To judge your safety on the job, you need to know what chemicals you are exposed to each day. In fact, by law you have the right to this information, and your employer is obliged to tell you. The Occupational Safety and Health Administration (OSHA) lists a number of substances the pregnant women should avoid, including the following:

Aluminum Dimethyl sulfoxide
Alkylating agents Ethylene oxide
Arsenic Lead
Benzens Lithium
Carbon monoxide Organic mercury compounds
Chlorinated hydrocarbons Polychlorinated biphenyls

Your boss or union representative might be able to help you determine if you are at risk in your present position. You can also get useful information from the National Institute of Occupational Safety and Health.

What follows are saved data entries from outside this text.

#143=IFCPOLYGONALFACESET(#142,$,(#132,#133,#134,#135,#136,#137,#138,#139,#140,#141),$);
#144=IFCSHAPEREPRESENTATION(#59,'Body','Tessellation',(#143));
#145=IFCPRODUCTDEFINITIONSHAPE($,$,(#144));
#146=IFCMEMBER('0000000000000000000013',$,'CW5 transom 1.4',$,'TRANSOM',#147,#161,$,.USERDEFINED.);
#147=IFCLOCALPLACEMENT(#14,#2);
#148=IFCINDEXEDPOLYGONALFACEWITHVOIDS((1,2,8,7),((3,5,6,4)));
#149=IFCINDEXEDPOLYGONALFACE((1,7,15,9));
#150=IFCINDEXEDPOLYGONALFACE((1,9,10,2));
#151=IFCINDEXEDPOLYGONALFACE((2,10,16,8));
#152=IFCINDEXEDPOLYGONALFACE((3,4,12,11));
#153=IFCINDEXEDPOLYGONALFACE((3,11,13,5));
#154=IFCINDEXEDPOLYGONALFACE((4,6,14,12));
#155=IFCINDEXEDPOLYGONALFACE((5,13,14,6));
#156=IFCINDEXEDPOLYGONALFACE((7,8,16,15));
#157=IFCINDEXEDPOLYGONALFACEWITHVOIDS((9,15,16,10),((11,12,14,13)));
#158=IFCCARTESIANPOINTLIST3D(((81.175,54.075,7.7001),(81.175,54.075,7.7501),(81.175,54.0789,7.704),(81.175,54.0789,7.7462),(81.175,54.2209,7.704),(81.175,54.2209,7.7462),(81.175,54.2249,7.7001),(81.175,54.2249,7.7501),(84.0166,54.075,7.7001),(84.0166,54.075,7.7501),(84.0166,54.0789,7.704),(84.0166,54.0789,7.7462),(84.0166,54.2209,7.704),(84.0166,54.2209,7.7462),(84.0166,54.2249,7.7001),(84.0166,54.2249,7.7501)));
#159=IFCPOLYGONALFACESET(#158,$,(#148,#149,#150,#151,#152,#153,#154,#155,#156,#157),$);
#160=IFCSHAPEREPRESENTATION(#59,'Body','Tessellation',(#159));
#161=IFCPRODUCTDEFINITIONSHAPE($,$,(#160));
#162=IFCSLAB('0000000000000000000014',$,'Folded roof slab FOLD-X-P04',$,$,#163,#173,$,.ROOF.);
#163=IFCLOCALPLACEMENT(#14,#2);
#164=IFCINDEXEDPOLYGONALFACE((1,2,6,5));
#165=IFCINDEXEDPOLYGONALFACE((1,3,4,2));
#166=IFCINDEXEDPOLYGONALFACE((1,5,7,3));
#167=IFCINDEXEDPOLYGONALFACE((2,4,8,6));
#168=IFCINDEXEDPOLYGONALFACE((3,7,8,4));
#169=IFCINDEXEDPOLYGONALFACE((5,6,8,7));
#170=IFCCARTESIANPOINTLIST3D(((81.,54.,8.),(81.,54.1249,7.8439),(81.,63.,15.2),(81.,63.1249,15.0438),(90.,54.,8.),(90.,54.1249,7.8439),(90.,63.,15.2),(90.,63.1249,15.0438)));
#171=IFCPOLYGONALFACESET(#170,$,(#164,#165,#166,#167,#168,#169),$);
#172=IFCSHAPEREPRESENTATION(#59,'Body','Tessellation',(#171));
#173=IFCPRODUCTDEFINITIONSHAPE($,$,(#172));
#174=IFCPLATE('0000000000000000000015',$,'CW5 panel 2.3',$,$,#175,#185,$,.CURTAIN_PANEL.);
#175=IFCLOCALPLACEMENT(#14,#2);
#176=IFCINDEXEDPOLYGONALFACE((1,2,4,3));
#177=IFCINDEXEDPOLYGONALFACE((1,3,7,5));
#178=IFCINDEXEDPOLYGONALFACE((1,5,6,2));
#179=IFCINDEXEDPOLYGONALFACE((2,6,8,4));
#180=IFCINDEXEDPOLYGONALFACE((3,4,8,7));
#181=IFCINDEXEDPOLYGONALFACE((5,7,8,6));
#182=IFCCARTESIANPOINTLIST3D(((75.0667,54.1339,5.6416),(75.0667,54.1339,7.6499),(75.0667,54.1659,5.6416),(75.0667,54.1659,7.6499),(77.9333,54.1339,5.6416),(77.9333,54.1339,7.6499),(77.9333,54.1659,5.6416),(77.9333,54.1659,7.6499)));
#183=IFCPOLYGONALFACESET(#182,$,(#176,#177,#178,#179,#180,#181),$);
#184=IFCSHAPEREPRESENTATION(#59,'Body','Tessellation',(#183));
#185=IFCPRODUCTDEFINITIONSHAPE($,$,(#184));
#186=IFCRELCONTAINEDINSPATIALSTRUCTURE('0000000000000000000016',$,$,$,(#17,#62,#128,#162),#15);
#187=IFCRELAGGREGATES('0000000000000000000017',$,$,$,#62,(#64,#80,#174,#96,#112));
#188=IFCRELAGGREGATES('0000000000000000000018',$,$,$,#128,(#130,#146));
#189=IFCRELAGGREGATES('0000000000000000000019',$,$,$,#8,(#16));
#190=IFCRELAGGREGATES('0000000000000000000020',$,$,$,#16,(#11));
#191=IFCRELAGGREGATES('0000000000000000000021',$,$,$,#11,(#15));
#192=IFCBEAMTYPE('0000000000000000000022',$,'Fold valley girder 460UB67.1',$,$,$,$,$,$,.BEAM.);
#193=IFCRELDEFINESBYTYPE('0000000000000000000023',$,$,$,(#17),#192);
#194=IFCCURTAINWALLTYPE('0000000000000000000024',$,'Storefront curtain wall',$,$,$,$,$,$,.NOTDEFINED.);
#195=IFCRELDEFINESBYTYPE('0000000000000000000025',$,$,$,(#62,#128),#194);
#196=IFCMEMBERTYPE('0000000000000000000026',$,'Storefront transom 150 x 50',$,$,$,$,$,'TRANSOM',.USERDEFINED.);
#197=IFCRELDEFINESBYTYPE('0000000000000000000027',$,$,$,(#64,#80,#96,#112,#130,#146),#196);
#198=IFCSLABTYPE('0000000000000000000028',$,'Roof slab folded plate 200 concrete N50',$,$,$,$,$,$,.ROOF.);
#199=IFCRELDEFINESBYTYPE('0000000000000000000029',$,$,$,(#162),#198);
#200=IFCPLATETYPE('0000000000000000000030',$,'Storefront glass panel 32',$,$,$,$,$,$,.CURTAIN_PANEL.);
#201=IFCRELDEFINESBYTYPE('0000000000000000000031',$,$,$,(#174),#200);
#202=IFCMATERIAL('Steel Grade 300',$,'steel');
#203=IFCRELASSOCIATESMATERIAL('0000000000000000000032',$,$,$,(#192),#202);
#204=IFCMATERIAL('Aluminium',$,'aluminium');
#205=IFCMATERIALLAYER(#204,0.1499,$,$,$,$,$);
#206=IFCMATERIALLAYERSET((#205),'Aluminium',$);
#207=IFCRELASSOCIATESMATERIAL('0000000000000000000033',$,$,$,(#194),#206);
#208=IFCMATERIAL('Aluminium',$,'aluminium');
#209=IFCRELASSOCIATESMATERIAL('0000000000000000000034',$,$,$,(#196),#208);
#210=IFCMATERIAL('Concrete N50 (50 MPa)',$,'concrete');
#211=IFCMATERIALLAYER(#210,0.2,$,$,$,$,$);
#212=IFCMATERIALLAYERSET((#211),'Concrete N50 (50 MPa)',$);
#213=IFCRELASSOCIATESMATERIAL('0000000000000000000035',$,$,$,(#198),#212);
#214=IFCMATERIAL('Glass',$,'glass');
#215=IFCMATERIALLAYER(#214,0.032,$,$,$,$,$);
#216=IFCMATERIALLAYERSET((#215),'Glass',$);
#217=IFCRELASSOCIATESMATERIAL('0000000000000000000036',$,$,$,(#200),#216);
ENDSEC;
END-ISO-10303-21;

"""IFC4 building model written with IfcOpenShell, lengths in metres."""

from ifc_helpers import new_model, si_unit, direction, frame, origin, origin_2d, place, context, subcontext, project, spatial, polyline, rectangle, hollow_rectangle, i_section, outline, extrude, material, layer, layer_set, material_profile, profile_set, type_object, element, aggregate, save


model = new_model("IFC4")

Their online article "The Effects of Workplace Hazards on Female Reproductive Health" found at www.cdc.gov/niosh/99-104.html is very informative. If you find that your job might endanger the health of your baby, you can either transfer to another position or take an early leave, if you can swing it financially.

Health Care

Working in the health-care industry as a doctor, nurse, dentist, veterinarian, or lab or diagnostic technician puts you in constant contact with germs and diseases. Of course this is an inevitable part of the job, which you knew from the outset, but now that you're pregnant, you need to look at your work from the point of view of your baby. Exposure to certain toxic chemicals used for sterilization of equipment, anesthesia gases that leak from tubes in the operating room (or even the exhaled breaths of recovering patients), radiation used for diagnostic and treatment purposes, as well as infections from patients with hepatitis B and AIDS can be harmful to the fetus. Take a close look at what you are exposed to each day and talk to your doctor about any safety concerns. If you're worried about the health of your baby, ask to be reassigned to a safer position or consider taking an early leave of absence.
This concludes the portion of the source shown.